The following post has been written and inspired in response to the call from LinkedIn Pulse for submission on #HowILead and contains excerpts from my upcoming book project “LeaderSheep; Leading from a posture of submission in Business, Life and The Kingdom of Heaven.”
“You’re a great worker and a fantastic salesperson but you’re not a very good leader.”
That was how my boss started my performance review back in the fall of 2003.
I was 31 years old. I had started at the company 4 years earlier as a local territory salesperson and risen to the rank of national sales manager. My first big project in my new role had been to oversee advertising sales for a nationally published industry directory. There were two other people on the project with me. After a cursory training in our target demographic and a quick talk about phone etiquette I divided the lead list among the three of us and turned my team loose on the phones.

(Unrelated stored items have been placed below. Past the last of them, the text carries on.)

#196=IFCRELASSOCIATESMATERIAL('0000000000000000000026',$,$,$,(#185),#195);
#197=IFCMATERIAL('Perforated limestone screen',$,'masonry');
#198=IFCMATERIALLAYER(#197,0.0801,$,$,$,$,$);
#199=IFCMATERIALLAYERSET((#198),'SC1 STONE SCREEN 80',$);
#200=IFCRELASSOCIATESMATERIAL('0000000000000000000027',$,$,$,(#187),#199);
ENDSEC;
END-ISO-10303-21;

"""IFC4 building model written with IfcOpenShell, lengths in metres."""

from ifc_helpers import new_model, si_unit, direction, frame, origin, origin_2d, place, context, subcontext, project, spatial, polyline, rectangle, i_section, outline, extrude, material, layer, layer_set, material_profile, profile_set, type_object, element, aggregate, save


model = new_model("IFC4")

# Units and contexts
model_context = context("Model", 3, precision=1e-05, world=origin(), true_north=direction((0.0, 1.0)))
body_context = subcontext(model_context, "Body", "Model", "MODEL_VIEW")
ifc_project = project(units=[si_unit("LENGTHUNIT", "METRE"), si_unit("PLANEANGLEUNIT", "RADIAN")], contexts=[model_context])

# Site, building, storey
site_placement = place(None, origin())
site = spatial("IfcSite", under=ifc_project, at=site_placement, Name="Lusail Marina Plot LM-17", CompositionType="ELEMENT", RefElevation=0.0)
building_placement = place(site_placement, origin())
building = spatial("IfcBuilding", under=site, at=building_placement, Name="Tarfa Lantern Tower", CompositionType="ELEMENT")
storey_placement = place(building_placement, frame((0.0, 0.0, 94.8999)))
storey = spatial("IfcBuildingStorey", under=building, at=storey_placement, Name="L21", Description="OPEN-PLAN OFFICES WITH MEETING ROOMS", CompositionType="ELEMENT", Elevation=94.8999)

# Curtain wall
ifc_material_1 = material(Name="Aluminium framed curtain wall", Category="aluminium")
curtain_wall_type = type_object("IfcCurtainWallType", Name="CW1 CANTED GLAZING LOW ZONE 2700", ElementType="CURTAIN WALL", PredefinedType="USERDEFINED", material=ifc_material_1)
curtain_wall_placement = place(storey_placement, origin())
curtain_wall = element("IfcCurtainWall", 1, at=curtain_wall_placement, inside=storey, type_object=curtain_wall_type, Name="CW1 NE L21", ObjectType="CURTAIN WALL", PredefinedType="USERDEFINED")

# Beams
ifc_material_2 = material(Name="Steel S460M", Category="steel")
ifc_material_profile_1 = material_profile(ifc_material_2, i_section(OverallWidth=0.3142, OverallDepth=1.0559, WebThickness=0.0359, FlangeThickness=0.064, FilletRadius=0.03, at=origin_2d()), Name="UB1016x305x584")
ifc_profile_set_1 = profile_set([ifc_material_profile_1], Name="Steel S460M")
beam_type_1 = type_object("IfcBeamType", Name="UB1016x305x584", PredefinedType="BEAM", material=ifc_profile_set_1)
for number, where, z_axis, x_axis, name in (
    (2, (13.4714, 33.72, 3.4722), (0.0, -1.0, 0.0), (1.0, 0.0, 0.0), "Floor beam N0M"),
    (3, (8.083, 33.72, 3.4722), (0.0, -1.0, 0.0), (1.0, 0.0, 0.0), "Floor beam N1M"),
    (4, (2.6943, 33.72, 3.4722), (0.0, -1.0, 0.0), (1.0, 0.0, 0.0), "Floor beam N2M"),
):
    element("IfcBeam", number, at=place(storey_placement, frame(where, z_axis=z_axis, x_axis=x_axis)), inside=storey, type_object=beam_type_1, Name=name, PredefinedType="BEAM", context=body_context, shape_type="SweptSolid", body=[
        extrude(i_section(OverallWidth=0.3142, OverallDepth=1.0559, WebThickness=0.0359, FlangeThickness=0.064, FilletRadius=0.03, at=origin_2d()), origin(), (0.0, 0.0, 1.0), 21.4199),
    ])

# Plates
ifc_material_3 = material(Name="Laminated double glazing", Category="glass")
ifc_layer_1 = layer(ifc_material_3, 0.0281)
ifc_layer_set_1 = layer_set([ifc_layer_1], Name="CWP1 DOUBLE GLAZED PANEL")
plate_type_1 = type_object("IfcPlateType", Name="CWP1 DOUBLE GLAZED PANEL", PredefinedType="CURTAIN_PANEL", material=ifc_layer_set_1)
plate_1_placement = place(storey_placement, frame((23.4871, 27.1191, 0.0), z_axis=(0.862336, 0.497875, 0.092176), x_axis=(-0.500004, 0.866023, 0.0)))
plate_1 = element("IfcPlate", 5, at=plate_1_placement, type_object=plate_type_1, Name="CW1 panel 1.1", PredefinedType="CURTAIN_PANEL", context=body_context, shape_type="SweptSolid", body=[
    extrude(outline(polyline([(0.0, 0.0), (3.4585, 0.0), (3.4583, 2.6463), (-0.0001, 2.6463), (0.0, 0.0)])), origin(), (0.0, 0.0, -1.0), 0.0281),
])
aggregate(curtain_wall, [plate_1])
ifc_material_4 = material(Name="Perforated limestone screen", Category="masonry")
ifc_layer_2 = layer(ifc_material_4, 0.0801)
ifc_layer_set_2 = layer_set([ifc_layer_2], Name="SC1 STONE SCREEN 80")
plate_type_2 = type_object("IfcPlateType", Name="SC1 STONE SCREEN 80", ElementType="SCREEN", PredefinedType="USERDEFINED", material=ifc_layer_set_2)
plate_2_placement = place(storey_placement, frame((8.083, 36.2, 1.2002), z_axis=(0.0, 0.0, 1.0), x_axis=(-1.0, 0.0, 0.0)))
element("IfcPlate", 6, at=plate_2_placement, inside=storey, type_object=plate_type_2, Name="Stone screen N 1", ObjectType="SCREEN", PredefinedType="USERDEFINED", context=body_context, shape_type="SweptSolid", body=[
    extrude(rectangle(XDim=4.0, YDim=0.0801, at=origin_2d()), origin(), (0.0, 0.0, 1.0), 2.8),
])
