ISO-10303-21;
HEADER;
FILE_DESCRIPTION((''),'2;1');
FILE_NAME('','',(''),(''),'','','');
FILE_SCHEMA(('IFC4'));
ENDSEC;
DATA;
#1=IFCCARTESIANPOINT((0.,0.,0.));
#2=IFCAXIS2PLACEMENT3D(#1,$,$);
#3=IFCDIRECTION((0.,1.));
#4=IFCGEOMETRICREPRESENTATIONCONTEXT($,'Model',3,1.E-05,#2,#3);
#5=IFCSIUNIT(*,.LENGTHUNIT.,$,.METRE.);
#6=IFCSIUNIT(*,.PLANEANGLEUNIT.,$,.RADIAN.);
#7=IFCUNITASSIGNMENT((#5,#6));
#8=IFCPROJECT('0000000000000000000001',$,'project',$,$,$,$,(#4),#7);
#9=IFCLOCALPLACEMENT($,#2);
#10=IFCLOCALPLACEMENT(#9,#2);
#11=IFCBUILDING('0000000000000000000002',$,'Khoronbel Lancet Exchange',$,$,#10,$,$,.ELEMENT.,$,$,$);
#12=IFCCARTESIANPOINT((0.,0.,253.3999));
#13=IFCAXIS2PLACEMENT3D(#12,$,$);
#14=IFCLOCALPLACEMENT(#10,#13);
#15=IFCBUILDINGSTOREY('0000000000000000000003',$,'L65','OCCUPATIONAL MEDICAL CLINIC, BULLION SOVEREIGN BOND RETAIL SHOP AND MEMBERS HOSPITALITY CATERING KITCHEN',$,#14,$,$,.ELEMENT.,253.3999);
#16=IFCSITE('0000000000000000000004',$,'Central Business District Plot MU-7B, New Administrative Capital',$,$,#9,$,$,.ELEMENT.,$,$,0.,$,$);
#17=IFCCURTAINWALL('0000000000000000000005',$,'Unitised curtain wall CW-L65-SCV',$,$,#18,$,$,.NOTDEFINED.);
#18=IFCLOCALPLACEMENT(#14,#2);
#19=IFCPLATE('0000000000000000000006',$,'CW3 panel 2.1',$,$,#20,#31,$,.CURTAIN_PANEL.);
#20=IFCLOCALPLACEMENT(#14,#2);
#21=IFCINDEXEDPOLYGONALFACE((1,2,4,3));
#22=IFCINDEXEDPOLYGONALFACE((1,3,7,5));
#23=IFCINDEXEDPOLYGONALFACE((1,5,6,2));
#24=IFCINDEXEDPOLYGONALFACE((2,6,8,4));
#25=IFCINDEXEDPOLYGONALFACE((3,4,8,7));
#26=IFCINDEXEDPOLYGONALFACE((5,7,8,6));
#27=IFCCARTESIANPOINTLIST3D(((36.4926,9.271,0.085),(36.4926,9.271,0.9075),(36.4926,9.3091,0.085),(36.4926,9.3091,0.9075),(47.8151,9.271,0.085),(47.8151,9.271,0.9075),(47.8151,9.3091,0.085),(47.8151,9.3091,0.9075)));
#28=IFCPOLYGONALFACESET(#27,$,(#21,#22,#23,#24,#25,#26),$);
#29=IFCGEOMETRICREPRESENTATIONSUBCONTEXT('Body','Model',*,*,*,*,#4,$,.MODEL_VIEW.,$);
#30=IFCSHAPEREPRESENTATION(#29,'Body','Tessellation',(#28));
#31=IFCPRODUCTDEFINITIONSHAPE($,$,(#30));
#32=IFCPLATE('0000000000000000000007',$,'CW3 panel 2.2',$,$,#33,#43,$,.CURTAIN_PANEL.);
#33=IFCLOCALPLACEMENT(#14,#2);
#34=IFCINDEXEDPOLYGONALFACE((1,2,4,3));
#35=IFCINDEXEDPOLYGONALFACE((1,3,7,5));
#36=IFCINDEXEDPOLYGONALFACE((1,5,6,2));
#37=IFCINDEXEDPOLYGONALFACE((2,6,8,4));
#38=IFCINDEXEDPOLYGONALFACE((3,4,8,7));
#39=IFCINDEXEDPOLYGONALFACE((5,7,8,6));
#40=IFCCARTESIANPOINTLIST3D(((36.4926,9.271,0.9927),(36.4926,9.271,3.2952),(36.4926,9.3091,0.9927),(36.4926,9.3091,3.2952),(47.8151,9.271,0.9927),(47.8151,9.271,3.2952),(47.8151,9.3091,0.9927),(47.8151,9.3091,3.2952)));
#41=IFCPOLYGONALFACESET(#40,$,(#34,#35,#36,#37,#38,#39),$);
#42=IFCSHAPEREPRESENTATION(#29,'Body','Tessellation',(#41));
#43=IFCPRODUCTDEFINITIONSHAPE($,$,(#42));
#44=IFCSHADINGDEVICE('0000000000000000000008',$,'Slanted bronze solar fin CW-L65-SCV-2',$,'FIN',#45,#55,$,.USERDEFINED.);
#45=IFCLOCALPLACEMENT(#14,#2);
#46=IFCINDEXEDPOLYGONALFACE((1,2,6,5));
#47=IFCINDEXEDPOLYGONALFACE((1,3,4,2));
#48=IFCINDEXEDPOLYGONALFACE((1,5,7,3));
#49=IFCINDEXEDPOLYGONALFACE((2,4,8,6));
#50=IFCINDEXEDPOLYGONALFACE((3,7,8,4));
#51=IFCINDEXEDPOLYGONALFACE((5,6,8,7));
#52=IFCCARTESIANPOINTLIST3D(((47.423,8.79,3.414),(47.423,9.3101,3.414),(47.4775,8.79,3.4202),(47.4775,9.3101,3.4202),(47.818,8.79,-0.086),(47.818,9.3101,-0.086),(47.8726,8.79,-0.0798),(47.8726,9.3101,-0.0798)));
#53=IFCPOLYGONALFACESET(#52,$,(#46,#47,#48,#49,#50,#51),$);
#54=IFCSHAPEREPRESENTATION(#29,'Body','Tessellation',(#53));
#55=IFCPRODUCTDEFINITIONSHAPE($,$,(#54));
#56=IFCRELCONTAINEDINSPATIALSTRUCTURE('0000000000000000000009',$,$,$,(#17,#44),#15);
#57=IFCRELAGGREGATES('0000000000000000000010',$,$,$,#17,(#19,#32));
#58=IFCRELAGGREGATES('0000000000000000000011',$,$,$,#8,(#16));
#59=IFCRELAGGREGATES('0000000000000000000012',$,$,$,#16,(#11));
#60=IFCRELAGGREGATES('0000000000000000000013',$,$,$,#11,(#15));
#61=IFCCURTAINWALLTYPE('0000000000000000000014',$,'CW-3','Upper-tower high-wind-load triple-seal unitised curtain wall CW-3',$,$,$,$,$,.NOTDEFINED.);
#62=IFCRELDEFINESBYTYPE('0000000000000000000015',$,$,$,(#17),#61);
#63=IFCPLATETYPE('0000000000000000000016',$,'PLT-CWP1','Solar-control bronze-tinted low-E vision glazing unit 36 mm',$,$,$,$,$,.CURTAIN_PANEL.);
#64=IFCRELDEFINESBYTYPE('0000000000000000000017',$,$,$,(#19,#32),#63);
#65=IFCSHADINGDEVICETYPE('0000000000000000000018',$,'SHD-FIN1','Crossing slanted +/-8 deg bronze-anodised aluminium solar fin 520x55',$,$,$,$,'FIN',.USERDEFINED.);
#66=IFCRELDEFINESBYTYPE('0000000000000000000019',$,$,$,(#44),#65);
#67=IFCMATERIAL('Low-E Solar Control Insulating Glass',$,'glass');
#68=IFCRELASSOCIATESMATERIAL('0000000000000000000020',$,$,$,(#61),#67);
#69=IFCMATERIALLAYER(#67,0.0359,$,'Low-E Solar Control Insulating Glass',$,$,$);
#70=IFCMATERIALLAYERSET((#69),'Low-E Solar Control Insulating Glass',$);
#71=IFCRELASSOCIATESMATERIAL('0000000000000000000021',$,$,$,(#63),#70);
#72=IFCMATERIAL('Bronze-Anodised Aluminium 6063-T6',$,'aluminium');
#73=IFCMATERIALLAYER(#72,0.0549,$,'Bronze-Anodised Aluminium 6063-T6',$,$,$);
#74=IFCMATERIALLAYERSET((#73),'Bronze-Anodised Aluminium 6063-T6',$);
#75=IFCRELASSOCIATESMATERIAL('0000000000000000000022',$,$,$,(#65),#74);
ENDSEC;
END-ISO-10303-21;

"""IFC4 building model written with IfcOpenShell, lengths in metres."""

from ifc_helpers import new_model, si_unit, direction, frame, origin, origin_2d, place, context, subcontext, project, spatial, polyline, rectangle, outline, extrude, material, layer, layer_set, type_object, element, aggregate, save


model = new_model("IFC4")

# Units and contexts
model_context = context("Model", 3, precision=1e-05, world=origin(), true_north=direction((0.0, 1.0)))
body_context = subcontext(model_context, "Body", "Model", "MODEL_VIEW")
ifc_project = project(units=[si_unit("LENGTHUNIT", "METRE"), si_unit("PLANEANGLEUNIT", "RADIAN")], contexts=[model_context])

# Site, building, storey
site_placement = place(None, origin())
site = spatial("IfcSite", under=ifc_project, at=site_placement, Name="Central Business District Plot MU-7B, New Administrative Capital", CompositionType="ELEMENT", RefElevation=0.0)
building_placement = place(site_placement, origin())
building = spatial("IfcBuilding", under=site, at=building_placement, Name="Khoronbel Lancet Exchange", CompositionType="ELEMENT")
storey_placement = place(building_placement, frame((0.0, 0.0, 253.3999)))
storey = spatial("IfcBuildingStorey", under=building, at=storey_placement, Name="L65", Description="OCCUPATIONAL MEDICAL CLINIC, BULLION SOVEREIGN BOND RETAIL SHOP AND MEMBERS HOSPITALITY CATERING KITCHEN", CompositionType="ELEMENT", Elevation=253.3999)

# Curtain wall
ifc_material_1 = material(Name="Low-E Solar Control Insulating Glass", Category="glass")
curtain_wall_type = type_object("IfcCurtainWallType", Name="CW-3", Description="Upper-tower high-wind-load triple-seal unitised curtain wall CW-3", PredefinedType="NOTDEFINED", material=ifc_material_1)
curtain_wall_1_placement = place(storey_placement, origin())
curtain_wall_1 = element("IfcCurtainWall", 1, at=curtain_wall_1_placement, inside=storey, type_object=curtain_wall_type, Name="Unitised curtain wall CW-L65-SCV", PredefinedType="NOTDEFINED")
ifc_material_2 = material(Name="Bronze-Anodised Aluminium 6063-T6", Category="aluminium")

# Plates
ifc_layer_1 = layer(ifc_material_1, 0.0359, Name="Low-E Solar Control Insulating Glass")
ifc_layer_set_1 = layer_set([ifc_layer_1], Name="Low-E Solar Control Insulating Glass")
plate_type_1 = type_object("IfcPlateType", Name="PLT-CWP1", Description="Solar-control bronze-tinted low-E vision glazing unit 36 mm", PredefinedType="CURTAIN_PANEL", material=ifc_layer_set_1)
plate_1_placement = place(storey_placement, frame((42.1538, 9.29, 0.085), z_axis=(0.0, 0.0, 1.0), x_axis=(1.0, 0.0, 0.0)))
plate_1 = element("IfcPlate", 2, at=plate_1_placement, type_object=plate_type_1, Name="CW3 panel 2.1", PredefinedType="CURTAIN_PANEL", context=body_context, shape_type="SweptSolid", body=[
    extrude(rectangle(XDim=11.3225, YDim=0.0381, at=origin_2d()), origin(), (0.0, 0.0, 1.0), 0.8225),
])
plate_2_placement = place(storey_placement, frame((42.1538, 9.29, 0.9927), z_axis=(0.0, 0.0, 1.0), x_axis=(1.0, 0.0, 0.0)))
plate_2 = element("IfcPlate", 3, at=plate_2_placement, type_object=plate_type_1, Name="CW3 panel 2.2", PredefinedType="CURTAIN_PANEL", context=body_context, shape_type="SweptSolid", body=[
    extrude(rectangle(XDim=11.3225, YDim=0.0381, at=origin_2d()), origin(), (0.0, 0.0, 1.0), 2.3025),
])
aggregate(curtain_wall_1, [plate_1, plate_2])

# Shading device
ifc_layer_2 = layer(ifc_material_2, 0.0549, Name="Bronze-Anodised Aluminium 6063-T6")
ifc_layer_set_2 = layer_set([ifc_layer_2], Name="Bronze-Anodised Aluminium 6063-T6")
shading_device_type = type_object("IfcShadingDeviceType", Name="SHD-FIN1", Description="Crossing slanted +/-8 deg bronze-anodised aluminium solar fin 520x55", ElementType="FIN", PredefinedType="USERDEFINED", material=ifc_layer_set_2)
shading_device_placement = place(storey_placement, frame((47.8726, 9.3101, -0.0798), z_axis=(0.993691, 0.0, 0.112151), x_axis=(0.0, -1.0, 0.0)))
element("IfcShadingDevice", 4, at=shading_device_placement, inside=storey, type_object=shading_device_type, Name="Slanted bronze solar fin CW-L65-SCV-2", ObjectType="FIN", PredefinedType="USERDEFINED", context=body_context, shape_type="SweptSolid", body=[
    extrude(outline(polyline([(0.0, 0.0), (0.52, 0.0), (0.52, -3.5222), (0.0, -3.5222), (0.0, 0.0)])), origin(), (0.0, 0.0, -1.0), 0.0549),
])

save(model, "model.ifc")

The campaign lasted two weeks. In that time I sold four times as much as my two other team members combined. When either of them had questions or ran into difficulty I repeated the “training” from the first day and walked back to my desk. Halfway through the campaign one of them simply stopped showing up for work and the other quit shortly after we wrapped it up and paid out the commissions.
In hindsight I realize now that my boss was being kind. While the campaign itself was a success, we sold every square inch of advertising space available and at one point had to convince the publisher to add a few more pages just to satisfy the demand we had created, as a leader I had utterly failed.
Leadership means something different for everyone depending on where you draw your worldview from. While my boss was looking for a strong leader to step up and direct the project, inspiring, teaching and driving to the goal. I was far more interested in my own success and felt that “leading by example” would naturally inspire those around me to follow my work ethic and find their own motivation.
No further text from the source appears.